Diane Maliukaetau
- Born: 12 September 1986 (age 39)
- Height: 1.76 m (5 ft 9+1⁄2 in)
- Weight: 95 kg (209 lb; 14 st 13 lb)

Rugby union career
- Position: Prop

Provincial / State sides
- Years: Team / Apps / (Points)
- Auckland

International career
- Years: Team / Apps / (Points)
- 2005–2006: New Zealand / 6 / (5)
- Medal record
Representing New Zealand
Women's rugby union
Rugby World Cup
| Gold medal – first place | 2006 Canada | Team competition |

= Diane Maliukaetau =

Diane Maliukaetau (born 12 September 1986) is a former female rugby union player. She played for and Auckland. She was in the squad that won the 2006 Women's Rugby World Cup.

Maliukaetau was born in Tonga and moved to New Zealand in 1999 where she attended Tangaroa College.

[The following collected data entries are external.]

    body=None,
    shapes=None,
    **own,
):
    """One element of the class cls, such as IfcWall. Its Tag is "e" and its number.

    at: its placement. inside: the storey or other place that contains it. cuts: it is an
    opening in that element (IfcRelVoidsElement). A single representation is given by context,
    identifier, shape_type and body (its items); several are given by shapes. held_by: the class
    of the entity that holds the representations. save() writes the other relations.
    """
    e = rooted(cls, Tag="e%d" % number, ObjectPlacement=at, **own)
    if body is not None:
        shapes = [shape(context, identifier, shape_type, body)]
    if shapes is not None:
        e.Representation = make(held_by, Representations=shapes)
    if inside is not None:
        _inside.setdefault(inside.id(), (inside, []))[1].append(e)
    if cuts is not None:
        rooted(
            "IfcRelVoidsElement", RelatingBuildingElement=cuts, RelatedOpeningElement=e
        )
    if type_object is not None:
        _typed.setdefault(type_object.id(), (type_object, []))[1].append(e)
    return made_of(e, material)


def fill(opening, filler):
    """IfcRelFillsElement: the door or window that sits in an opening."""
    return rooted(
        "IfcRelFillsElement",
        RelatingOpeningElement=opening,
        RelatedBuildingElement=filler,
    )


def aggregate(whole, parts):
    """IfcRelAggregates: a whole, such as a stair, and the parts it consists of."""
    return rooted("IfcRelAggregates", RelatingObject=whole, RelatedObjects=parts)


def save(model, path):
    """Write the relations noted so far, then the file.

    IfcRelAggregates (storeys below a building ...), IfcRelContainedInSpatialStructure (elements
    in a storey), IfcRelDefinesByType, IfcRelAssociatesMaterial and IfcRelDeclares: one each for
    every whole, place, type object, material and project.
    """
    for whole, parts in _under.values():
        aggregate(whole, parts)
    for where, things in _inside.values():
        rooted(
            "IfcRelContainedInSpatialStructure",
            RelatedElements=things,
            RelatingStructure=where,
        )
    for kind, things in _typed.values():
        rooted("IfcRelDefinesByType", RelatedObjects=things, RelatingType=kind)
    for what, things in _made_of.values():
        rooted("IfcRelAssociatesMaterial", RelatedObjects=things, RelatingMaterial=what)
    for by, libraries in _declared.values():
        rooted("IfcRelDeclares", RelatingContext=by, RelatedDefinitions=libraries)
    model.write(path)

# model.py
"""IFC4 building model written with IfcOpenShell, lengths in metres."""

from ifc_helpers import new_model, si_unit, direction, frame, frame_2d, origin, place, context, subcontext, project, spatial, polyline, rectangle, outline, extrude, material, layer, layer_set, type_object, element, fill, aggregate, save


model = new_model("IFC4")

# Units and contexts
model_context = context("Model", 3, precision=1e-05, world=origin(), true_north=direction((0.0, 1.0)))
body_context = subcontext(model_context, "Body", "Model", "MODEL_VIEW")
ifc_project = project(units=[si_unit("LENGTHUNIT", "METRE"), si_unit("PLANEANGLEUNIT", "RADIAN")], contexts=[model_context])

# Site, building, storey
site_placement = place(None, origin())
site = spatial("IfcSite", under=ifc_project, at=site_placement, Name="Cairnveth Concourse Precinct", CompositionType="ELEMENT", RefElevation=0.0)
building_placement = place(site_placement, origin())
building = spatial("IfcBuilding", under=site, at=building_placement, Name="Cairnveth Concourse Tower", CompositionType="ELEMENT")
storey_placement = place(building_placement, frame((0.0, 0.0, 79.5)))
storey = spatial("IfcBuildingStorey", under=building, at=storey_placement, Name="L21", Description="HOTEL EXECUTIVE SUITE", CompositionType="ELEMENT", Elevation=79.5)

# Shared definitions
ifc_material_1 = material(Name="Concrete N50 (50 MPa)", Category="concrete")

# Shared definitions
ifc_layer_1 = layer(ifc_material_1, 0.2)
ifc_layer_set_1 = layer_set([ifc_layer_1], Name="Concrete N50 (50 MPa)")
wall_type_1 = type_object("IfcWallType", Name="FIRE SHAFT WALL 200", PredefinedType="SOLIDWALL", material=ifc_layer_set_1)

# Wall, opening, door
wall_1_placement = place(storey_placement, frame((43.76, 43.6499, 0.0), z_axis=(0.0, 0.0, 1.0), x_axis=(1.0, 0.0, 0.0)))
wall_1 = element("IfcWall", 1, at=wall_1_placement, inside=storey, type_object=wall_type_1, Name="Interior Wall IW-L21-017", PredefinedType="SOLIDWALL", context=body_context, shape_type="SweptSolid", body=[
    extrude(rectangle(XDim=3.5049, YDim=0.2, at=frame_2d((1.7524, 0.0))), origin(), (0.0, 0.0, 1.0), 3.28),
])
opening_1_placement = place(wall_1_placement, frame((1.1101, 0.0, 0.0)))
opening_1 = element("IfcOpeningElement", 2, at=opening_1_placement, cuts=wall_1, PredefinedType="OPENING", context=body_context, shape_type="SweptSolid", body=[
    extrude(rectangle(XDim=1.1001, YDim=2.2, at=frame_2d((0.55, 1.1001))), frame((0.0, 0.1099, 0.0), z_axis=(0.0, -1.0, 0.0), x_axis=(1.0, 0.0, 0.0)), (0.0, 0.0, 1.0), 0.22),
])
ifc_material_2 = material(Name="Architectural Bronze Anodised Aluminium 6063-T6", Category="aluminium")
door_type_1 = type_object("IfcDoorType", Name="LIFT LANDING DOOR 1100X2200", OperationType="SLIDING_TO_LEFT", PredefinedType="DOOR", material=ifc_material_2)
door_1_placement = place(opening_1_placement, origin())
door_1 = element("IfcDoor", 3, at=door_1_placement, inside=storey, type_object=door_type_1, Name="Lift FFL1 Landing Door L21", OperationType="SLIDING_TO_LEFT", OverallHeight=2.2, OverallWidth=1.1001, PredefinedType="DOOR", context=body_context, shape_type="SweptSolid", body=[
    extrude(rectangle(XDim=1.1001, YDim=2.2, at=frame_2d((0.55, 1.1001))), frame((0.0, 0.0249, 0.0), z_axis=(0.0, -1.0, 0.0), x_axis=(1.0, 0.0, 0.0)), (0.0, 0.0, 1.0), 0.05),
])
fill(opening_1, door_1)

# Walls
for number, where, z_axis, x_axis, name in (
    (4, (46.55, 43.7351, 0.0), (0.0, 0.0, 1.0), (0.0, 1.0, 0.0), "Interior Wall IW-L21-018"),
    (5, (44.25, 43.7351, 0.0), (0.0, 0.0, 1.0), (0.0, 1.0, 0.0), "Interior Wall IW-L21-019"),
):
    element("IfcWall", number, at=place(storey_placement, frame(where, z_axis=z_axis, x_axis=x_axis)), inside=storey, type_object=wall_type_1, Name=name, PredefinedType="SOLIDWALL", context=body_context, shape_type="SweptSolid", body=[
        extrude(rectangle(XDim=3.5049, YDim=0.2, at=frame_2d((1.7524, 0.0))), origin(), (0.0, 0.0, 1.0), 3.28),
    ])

Maliukaetau played six tests for the Black Ferns, including four at the 2006 Rugby World Cup when she was only 19. She scored a try in the opening match against Canada. She started in the final against England when they won their third title.

In 2010, She was named in the Black Ferns training squad ahead of the Rugby World Cup, but missed out on the final selection.